Health workers face unfair penalties in ACT's VAD bill, union says

Short-staffed nurses potentially face unfair criminal charges for failing to meet voluntary assisted dying timelines under the ACT's proposed laws, a nurse's union says.

Health practitioners face criminal penalties if they do not accept or refuse a request for voluntary assisted dying within two days.

But the Australian Nursing and Midwifery Federation said, in a submission to the bill's inquiry, the bill does not take into consideration staffing shortages in the ACT and the penalties are potentially excessive.

"The ANMF notes the nursing and midwifery workforces (among other health professions) in the ACT continue to grapple with severe staffing issues," the submission said.

"As such, the ANMF considers it to be not unforeseeable that nursing and midwifery workers (or other healthcare practitioners) would be unable to complete the relevant obligation within two working days, due to circumstances beyond their control."

Under the proposed legislation, an individual would face a fine of up to $3200 or $16,200 for a corporation if the request was not acted upon within two days.

The ANMF said the potential penalty could act as a deterrent for health professionals wanting to sign up to be a coordinating practitioner in voluntary assisted dying.

"Having regard to the size of the ACT jurisdiction, the ANMF considers the introduction of strict liability offences may be contrary to the public interest as it has the potential to render health professionals unwilling to obtain authorisation, impeding access to VAD in the ACT," the submission said.

Other Australian jurisdictions have similar time requirements although their timeframes are longer, such as five days in NSW and seven days in Victoria. Criminal liability is not always attached to breaking this.

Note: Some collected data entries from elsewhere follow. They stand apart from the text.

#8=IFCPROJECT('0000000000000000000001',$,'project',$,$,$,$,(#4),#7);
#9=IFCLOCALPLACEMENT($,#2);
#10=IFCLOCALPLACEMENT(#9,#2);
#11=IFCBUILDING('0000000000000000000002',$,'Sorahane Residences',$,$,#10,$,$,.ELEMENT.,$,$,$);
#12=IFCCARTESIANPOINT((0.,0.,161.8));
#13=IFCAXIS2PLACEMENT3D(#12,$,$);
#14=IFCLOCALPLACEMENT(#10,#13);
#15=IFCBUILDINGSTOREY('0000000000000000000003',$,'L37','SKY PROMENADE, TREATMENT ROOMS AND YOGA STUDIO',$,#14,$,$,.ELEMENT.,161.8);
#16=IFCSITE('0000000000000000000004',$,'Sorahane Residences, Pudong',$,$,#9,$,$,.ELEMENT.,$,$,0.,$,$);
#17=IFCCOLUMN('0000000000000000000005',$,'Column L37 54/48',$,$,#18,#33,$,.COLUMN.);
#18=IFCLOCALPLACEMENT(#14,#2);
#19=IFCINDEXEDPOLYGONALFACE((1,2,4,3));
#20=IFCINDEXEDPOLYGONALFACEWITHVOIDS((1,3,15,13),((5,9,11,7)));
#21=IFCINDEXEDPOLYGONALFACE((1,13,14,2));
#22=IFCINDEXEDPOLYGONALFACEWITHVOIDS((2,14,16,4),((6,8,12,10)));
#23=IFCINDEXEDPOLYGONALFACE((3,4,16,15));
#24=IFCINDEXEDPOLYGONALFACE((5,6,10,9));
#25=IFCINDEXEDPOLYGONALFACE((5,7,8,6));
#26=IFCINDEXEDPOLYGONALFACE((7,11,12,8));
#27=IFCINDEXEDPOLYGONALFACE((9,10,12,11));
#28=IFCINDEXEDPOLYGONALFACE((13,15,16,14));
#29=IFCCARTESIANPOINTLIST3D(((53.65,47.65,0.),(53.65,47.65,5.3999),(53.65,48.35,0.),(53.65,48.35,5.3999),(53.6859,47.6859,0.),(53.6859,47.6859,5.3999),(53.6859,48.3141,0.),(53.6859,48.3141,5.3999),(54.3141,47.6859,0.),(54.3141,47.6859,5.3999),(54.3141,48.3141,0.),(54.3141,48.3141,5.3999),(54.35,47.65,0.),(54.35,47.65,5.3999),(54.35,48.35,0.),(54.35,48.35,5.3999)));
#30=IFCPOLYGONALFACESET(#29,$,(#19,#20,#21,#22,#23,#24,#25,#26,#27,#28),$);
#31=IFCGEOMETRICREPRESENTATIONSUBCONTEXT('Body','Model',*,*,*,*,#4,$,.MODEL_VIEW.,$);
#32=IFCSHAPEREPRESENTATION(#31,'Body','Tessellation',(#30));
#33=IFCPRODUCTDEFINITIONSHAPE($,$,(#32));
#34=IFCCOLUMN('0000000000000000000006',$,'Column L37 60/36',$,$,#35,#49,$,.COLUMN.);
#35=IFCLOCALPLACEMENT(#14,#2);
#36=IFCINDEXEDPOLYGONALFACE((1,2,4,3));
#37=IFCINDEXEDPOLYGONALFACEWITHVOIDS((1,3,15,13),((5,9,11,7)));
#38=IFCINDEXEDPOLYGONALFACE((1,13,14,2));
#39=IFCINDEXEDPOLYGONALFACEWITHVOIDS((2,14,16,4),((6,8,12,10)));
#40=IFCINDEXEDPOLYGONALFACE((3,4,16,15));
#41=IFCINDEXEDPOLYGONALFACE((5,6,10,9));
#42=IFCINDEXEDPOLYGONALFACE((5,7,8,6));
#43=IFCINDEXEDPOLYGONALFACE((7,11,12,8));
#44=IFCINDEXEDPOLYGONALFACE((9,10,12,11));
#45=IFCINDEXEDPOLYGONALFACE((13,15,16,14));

Voluntary assisted dying legislation in all Australian states require a person's death to be expected in a certain time frame ranging from six to 12 months but the ACT has not included this in its legislation.

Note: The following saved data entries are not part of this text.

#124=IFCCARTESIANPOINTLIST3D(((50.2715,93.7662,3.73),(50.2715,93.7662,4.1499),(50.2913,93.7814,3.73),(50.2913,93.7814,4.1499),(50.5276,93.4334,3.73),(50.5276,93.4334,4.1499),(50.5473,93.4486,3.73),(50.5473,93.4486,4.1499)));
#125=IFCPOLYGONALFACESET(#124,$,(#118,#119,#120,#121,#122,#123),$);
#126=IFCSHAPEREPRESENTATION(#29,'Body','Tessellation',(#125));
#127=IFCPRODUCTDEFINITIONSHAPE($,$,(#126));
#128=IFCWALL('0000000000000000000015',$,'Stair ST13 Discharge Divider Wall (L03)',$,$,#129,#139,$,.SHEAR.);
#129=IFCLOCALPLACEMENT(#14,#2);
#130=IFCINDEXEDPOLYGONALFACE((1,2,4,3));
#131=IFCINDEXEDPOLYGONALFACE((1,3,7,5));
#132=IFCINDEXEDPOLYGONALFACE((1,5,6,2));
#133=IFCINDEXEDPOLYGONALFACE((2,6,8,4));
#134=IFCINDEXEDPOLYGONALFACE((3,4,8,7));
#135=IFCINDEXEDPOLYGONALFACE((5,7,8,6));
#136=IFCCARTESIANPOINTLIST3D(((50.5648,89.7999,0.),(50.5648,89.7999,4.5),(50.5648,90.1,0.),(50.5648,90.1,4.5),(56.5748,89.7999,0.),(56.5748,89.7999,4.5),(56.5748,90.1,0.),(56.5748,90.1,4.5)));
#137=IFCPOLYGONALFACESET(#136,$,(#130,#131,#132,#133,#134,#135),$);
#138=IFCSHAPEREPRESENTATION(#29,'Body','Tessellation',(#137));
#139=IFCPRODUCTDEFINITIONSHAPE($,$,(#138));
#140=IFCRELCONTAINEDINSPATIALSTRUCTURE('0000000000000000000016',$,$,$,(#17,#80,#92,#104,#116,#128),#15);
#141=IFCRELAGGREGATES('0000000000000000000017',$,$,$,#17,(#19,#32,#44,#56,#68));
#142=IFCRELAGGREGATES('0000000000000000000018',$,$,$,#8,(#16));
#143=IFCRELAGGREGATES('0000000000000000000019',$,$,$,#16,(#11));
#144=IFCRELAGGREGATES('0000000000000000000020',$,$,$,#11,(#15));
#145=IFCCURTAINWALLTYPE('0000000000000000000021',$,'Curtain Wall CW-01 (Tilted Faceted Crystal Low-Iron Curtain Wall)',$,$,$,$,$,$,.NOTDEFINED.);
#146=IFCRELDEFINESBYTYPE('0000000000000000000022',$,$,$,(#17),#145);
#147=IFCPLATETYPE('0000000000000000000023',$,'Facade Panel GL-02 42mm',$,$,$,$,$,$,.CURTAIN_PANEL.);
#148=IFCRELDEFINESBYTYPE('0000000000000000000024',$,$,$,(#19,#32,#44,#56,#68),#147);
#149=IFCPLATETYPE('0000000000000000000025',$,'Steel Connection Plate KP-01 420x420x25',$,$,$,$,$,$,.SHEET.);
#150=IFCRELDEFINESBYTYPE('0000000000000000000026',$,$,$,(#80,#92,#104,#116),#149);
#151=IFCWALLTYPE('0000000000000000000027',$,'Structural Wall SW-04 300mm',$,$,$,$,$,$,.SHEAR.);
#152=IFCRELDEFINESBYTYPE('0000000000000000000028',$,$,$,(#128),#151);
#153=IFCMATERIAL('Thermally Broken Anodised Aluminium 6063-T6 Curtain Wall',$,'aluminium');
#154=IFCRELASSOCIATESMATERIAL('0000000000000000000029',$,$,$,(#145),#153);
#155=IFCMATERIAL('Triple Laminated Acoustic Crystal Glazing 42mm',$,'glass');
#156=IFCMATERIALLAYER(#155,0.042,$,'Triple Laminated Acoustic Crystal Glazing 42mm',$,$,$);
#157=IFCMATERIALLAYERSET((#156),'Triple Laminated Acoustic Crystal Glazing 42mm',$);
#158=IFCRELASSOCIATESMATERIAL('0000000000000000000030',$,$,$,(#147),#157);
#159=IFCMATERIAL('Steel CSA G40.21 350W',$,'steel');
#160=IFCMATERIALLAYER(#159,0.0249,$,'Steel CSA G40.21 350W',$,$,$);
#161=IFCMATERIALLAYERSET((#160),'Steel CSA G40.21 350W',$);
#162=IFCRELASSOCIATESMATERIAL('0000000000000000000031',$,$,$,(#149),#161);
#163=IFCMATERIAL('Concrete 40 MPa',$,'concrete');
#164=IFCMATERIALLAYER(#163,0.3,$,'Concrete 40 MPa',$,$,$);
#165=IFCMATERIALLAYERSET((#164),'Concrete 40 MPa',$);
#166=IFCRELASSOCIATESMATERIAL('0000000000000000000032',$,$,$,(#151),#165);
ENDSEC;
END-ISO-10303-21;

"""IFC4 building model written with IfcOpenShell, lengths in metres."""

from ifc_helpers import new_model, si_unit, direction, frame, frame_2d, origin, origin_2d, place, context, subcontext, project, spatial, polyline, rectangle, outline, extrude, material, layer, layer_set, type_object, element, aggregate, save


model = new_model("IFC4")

Australian Nursing and Midwifery Federation ACT branch secretary Matthew Daniel. Picture by Karleen Minney

Under the ACT's legislation, a person will be able to access voluntary assisted dying if they have an illness that is advanced, progressive and expected to cause death. They must have decision-making capacity and be "in the last stages of life".

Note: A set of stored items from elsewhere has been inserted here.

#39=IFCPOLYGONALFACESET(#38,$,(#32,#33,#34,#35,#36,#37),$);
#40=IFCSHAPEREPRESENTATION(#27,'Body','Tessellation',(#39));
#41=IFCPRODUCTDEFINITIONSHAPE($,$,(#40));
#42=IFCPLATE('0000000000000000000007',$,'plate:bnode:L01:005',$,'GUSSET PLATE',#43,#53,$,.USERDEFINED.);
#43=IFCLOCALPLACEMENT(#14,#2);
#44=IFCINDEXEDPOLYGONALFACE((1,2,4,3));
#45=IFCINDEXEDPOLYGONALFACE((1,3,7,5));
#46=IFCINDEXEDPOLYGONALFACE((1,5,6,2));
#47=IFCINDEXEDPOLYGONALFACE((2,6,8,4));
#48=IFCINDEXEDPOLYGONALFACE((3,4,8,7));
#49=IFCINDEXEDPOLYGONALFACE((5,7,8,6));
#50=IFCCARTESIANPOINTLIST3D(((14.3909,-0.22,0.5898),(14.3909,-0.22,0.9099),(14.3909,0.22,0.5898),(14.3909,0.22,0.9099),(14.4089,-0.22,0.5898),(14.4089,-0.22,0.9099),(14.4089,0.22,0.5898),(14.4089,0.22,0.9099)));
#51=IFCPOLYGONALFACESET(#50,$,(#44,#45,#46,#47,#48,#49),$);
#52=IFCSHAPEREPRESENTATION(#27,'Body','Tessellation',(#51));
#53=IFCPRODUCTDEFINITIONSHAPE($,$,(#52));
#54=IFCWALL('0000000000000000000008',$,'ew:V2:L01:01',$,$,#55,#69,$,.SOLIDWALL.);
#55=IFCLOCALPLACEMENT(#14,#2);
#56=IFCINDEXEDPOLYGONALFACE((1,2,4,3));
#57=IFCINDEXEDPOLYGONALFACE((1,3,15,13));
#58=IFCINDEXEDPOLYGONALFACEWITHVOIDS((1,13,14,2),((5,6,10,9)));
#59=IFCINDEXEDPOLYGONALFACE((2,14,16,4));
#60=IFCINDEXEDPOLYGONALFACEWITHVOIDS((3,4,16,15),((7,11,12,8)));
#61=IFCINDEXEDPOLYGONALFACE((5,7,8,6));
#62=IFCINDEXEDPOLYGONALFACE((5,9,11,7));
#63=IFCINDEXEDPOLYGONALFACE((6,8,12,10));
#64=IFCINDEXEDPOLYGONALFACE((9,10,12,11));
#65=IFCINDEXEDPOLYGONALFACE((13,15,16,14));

But doctors have also expressed concern at the wording of "in the last stages of their life", which is used as part of the eligibility criteria for voluntary assisted dying.

A submission from the group Doctors for Assisted Dying Choice said this was not a recognised medical expression or an established legal phrase.

"To many people 'in the last stages of life' means the last few days of life but it could also be argued that anyone over 80 years of age is in the last stages of life although they may still have many years of healthy existence ahead," the submission said.

The group proposed the ACT consider a different definition: "in the opinion of the individual, after discussion with their coordinating practitioner, consulting practitioner, or treating medical practitioner, they are in the last stage of their life, or are in the last stage of their life with decision-making capacity".

The group also suggested the ACT could amend the criteria to say a person was eligible if the only treatment they could receive for their illness was palliative or only used to ease pain or suffering.

Doctors for Assisted Dying Choice was complementary of the ACT's decision to not include a required time frame for death, saying it would allow patients with early dementia to access voluntary assisted dying.

Public hearings are likely to be held as part of the inquiry in the new year with the committee required to hand down its report by the end of February.

Human Rights Minister Tara Cheyne is hopeful the bill will pass in the first half of 2024, meaning Canberrans would be able to access voluntary assisted dying by the end of 2025.